Joseph Dean (188? – 1963) gigolo, bar owner.

Short and dark-skinned, possibly born in Egypt of mixed parentage, Don Kimfull met Reginald de Veulle in Paris. They shared an interest in social occasions where dressing as female was encouraged, and were present at such a party in Maidenhead when locals started throwing stones. However Don avoided Regie in later years.

Don became involved in London in drug retailing, as a gigolo and sometimes as a thief, but avoided the inquest into the death of Billie Carleton in 1919 by claiming that he had pleurisy.

After time spent in France and Germany, he arrived in Tangiers in the 1930s, using the name Joseph Dean and became head barman at the El Minzah Hotel. He opened his own Dean’s Bar in 1937. During the Second World War it was rumoured that he fed information to intelligence services. He was also said to be a drug addict, and that he had been jailed for trafficking.

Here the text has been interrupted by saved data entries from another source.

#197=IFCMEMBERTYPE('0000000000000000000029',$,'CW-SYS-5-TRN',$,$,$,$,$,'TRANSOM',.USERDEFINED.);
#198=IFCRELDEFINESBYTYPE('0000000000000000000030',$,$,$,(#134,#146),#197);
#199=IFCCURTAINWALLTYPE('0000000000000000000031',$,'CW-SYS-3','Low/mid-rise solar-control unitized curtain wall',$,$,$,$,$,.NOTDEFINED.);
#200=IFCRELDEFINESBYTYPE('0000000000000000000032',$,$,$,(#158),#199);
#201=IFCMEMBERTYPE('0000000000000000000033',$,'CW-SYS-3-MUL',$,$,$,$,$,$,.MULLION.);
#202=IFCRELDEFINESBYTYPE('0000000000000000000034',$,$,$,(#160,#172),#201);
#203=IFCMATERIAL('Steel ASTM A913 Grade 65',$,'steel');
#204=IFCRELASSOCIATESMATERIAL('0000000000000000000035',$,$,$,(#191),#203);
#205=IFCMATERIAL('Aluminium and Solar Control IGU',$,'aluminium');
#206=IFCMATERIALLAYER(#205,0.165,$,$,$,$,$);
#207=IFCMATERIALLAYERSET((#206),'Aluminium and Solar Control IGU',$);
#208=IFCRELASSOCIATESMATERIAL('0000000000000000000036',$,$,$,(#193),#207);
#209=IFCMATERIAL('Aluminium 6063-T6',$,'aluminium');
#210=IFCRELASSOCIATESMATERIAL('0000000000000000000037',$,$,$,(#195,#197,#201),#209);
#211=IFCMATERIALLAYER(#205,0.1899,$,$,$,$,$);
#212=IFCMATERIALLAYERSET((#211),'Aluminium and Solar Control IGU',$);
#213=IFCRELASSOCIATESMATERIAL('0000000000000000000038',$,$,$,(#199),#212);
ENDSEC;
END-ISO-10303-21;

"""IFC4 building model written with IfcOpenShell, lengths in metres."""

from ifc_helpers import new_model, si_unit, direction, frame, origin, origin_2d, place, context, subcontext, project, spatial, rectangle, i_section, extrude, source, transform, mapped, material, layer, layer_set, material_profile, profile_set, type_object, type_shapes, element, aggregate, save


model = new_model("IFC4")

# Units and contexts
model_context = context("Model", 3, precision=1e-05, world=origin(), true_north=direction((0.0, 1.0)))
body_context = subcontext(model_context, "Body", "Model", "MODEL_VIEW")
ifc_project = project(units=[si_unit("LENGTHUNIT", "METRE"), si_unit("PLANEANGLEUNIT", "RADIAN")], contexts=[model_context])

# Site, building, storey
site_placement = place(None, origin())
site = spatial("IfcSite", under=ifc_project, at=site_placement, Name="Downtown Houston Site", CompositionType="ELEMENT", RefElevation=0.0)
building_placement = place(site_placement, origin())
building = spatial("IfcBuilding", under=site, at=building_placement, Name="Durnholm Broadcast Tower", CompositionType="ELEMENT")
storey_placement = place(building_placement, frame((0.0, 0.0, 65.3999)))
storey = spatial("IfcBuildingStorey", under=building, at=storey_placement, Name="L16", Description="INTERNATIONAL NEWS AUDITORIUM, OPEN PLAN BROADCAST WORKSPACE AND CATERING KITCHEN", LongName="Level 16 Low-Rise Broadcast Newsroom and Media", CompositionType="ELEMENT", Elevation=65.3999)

Dean’s Bar thrived as part of the Interzone where Tennessee Williams, Ian Fleming, Francis Bacon, Jane Bowles etc drank at one time or another. Dean took against William Burroughs on sight however and did not want to serve him.

There is no mention of cross-dressing in later years.
  • Robin Maugham. Escape from the Shadows; Robin Maugham, His Autobiography. London: Hodder and Stoughton, 1972: 206.
  • Michelle Green. The Dream at the End of the World: Paul Bowles and the Literary Renegades in Tangier. New York, NY: HarperCollins, 1991. New York, NY: HarperPerennial, 1992: 46-7, 152, 229.
  • Marek Kohn. Dope Girls: The Birth of the British Drug Underground. London: Lawrence & Wishart, 1992: 21, 22, 78-9, 93, 108, 117-9.
  • Francis Poole. Everybody Comes to Dean's: Dean's Bar, Tangier ; with Two Poems. Newark, Delaware: Poporo Press, 2009.
  • Nicholas Kirshman. “Tangier”. Morocco Blog VIII. http://schools.webster.k12.mo.us/education/projects/projects.php?sectionid=4158&&PHPSESSID=0c55158418912c60064c970e167e82c4.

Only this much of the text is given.